I. Find the z transform and ROC of each of the ff sequence

1.$\displaystyle x(n) = 2\delta{n} + 3(\frac{1}{2})^{n}u[n] - (1/4)^{n}u(n)$

$\displaystyle X(z) = 2(1) + 3\frac{1}{ 1-\frac{1}{2}z^{-1} } - \frac{1}{1-\frac{1}{4}z^{-1} }$

ROC: All z, 1/2 <z and 1/4 < z

the total ROC is z > 1/2

II. Use the Z transform to perform the convolution of the following sequence

$\displaystyle x[n] = 3^{n}u(-n)$

since $\displaystyle x(-n)$'s z transform is $\displaystyle X(z^{-1})$

$\displaystyle X_1(Z) = \frac{1}{1-3z}$

$\displaystyle h[n] = (0.5)^{n}u(n)$

$\displaystyle X_2(Z) = \frac{1}{1-\frac{1}{2}z^-1}$

$\displaystyle x[n]*h[n]$ is equivalent to $\displaystyle X_1(Z)X_2(Z)$

$\displaystyle X_1(Z)X_2(Z) =\frac{1}{(1-3z)(1-\frac{1}{2}z^-1)}$

using wolfram alpha to solve partial fractions

$\displaystyle \frac{2z}{(1-3z)(2z-1)}$

$\displaystyle \frac{2}{3z-1} - \frac{2}{2z-1}$

then simplify

$\displaystyle \frac{ 2z^{-1}\frac{1}{3} }{ 1-\frac{1}{3}z^{-1} } - \frac{ 2z^{-1}\frac{1}{2} }{1-\frac{1}{2}z^{-1} }$

the region of convergence is 1/3 < z and 1/2 < z

then the total ROC is 1/2

the inverse z transform is : using the time shifting property z^-1X(z) = u(n-1)
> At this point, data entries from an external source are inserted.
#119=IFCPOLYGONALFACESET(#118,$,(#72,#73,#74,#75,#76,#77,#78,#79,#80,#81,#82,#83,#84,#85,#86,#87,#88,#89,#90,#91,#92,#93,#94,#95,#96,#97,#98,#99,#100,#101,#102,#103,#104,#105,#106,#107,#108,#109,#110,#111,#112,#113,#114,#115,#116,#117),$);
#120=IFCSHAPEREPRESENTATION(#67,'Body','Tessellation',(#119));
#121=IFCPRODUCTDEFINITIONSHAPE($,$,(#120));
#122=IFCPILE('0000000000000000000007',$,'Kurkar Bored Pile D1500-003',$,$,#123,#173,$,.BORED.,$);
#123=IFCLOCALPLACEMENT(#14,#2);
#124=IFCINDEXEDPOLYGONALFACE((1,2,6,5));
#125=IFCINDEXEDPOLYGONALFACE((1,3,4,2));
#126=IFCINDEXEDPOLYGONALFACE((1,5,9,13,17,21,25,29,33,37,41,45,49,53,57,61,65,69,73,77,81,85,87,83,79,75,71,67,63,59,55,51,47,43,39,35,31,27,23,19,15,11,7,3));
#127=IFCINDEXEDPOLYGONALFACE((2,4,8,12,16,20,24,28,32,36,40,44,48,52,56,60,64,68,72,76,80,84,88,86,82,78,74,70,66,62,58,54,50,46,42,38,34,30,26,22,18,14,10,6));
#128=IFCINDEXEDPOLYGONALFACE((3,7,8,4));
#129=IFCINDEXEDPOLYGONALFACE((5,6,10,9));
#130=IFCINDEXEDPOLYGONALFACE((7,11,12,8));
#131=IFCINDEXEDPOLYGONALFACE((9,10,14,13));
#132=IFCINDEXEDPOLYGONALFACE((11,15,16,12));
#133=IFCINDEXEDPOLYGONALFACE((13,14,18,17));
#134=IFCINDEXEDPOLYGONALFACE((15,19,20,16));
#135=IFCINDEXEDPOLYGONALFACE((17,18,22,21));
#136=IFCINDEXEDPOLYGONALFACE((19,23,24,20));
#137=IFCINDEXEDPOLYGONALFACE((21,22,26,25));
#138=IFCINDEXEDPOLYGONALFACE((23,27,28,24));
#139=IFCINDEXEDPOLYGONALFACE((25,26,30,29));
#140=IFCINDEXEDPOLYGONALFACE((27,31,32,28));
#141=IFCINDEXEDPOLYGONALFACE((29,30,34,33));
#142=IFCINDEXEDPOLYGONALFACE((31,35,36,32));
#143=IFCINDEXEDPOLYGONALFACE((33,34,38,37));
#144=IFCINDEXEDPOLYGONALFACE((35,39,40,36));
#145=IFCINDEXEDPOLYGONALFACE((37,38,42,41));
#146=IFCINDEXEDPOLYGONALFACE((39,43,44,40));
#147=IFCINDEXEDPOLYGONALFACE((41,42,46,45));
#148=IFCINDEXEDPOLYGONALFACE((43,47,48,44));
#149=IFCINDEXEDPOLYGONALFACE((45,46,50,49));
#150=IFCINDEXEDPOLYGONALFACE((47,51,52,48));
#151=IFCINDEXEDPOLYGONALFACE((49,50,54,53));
$\displaystyle \frac{2}{3}(\frac{1}{3})^{n}u(n-1) -(\frac{1}{2})^{n}u(n-1)$

part III. Find the causal signal x(n) fo the following z transforms

$\displaystyle X(Z) = \frac{ 1-z^{-1} }{(1+z^{-1})(1+\frac{1}{2}z^{-1})}$

using wolfram alpha

$\displaystyle \frac{2(z-1)z}{z+1}{2z+1}$

$\displaystyle \frac{3}{2z+1}-\frac{4}{z+1}+1$

Making it into a z transform

$\displaystyle \frac{\frac{1}{2}3z^{-1}}{1-(-\frac{1}{2})z^{-1}} -\frac{4z^{-1}}{(1-(-z^{-1})} +1$

the region of convergence is

-1/2 < z, -1 < z, and the entire plane of z

the total region of convergence is the entire plane of z

the inverse z transform is

$\displaystyle x(n) = \frac{3}{2}(-\frac{1}{2})^{n}u(n-1) - 4(-1)^{n}u(n-1)$